7. Trasparenza su tempi e costi
Durata, prezzo e numero indicativo di sedute devono essere chiari prima, non alla fine. Diffida dei pacchetti lunghi da pagare tutti in anticipo alla prima visita, quando ancora nessuno dei due sa come risponde il tuo corpo.
Le tre domande da fare al telefono
- «A quale registro professionale è iscritta?»
- «Quante ore di formazione ha fatto e in quale scuola?»
- «Come si svolge la prima seduta?»
Se le risposte arrivano subito e senza giri di parole, sei nel posto giusto. Se arrivano vaghe, hai risparmiato un’ora e i tuoi soldi.
E se vuoi provare in zona
Ricevo a Caselle Torinese, comoda da Borgaro, Ciriè, San Maurizio e da tutta la zona nord di Torino. Sono iscritta al Registro Operatori Shiatsu della FISieO, mi sono formata con ANMA — Istituto di Shiatsu e con la scuola AnMa-ArteShiatsu, e i miei attestati sono pubblicati qui, leggibili uno per uno.
Se hai una domanda prima di decidere, scrivimi: rispondo io, non un centralino.
Domande frequenti
No, non esiste un albo obbligatorio: lo shiatsu rientra fra le professioni non organizzate in ordini disciplinate dalla legge 4/2013. Esistono però registri tenuti dalle associazioni di categoria, come quello della FISieO, con requisiti di formazione e aggiornamento verificabili.

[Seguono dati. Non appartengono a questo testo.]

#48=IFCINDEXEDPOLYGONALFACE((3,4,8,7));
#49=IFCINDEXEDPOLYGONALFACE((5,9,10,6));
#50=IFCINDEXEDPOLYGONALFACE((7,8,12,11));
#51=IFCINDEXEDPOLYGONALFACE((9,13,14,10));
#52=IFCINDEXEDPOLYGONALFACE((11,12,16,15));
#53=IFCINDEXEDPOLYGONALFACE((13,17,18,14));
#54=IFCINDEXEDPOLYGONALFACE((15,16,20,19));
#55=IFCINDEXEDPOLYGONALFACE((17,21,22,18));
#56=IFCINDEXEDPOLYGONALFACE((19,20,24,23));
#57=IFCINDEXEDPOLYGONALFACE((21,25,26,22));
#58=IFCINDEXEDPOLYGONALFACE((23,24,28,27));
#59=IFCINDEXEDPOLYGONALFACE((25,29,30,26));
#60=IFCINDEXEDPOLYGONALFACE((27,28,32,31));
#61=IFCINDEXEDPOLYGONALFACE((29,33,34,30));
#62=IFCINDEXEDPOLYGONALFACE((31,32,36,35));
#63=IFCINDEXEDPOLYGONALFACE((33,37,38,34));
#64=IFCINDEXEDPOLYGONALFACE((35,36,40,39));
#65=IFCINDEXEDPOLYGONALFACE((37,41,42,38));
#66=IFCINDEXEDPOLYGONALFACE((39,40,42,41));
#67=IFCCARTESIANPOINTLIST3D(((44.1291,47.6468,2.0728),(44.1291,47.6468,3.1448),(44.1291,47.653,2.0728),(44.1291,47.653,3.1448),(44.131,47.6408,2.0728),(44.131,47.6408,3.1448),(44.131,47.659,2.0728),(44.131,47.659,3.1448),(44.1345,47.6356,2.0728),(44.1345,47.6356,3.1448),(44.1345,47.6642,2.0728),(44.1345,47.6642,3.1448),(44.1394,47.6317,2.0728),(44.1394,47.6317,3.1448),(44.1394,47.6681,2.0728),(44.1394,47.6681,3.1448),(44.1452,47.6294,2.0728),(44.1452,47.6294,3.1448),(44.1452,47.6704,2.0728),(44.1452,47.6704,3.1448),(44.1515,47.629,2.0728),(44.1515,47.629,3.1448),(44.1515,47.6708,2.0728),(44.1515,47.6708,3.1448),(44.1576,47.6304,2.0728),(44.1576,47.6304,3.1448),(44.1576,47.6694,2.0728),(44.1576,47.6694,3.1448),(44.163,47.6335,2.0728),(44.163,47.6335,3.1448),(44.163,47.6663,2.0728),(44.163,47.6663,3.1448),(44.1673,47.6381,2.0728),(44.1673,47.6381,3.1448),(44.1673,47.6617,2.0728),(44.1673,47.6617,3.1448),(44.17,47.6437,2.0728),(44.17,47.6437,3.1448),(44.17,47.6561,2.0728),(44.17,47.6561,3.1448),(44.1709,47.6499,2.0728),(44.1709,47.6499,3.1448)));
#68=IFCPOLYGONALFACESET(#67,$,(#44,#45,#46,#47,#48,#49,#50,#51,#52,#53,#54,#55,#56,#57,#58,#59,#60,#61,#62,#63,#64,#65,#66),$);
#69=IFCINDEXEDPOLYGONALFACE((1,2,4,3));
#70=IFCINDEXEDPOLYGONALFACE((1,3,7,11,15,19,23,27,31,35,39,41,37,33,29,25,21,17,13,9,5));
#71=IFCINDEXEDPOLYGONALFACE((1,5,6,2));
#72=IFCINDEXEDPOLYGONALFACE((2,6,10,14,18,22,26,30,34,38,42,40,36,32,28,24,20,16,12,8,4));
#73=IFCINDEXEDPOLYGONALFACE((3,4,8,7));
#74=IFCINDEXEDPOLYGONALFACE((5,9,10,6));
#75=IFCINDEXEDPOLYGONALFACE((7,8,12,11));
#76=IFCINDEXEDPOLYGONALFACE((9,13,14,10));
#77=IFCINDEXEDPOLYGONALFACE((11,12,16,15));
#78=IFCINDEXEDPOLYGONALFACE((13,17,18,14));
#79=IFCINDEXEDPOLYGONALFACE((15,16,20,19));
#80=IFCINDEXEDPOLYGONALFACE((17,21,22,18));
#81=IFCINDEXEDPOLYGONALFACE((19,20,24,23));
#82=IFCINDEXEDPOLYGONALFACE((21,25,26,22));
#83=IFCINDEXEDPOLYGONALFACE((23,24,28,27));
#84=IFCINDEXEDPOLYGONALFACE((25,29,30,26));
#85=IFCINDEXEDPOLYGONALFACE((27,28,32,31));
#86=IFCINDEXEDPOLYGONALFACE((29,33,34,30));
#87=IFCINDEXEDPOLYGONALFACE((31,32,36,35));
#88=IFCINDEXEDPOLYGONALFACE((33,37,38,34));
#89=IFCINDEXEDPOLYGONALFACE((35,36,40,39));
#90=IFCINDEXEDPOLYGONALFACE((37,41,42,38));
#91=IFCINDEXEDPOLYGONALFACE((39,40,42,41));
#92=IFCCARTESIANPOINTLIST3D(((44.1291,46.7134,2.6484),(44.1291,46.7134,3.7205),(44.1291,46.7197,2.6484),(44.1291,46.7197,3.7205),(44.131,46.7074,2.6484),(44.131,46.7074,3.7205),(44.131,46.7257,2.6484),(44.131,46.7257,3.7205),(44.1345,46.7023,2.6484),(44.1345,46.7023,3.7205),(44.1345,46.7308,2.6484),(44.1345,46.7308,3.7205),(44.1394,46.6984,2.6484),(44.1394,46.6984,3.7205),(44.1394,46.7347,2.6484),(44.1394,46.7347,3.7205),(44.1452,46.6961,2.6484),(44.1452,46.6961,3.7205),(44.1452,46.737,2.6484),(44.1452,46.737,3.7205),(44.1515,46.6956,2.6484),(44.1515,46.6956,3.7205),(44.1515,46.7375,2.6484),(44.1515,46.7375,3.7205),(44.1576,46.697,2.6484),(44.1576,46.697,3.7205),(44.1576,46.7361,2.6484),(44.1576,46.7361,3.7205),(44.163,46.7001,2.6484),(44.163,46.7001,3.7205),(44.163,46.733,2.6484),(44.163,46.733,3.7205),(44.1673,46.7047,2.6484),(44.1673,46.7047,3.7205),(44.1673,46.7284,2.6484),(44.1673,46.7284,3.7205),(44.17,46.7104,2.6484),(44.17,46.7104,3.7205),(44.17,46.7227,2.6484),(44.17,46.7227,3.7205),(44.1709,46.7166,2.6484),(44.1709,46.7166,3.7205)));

Il prezzo varia in base alla zona, alla durata e all’esperienza dell’operatore. Il punto non è trovare il più economico, ma sapere prima quanto costa, quanto dura e quante sedute sono indicativamente previste. Diffida dei pacchetti lunghi da pagare in anticipo alla prima visita.
No. Il massaggio lavora sui tessuti scivolando sulla pelle, di solito con oli e a pelle scoperta. Lo shiatsu si riceve vestiti e lavora con pressioni ferme e statiche lungo i meridiani: cambia la tecnica e cambia l’obiettivo.
Nella maggior parte dei casi sì, ma ci sono situazioni in cui va rimandato o valutato con il medico: febbre, infiammazioni acute, traumi recenti, gravidanza nel primo trimestre, alcune patologie in fase attiva. Per questo un operatore serio ti fa sempre qualche domanda prima di iniziare.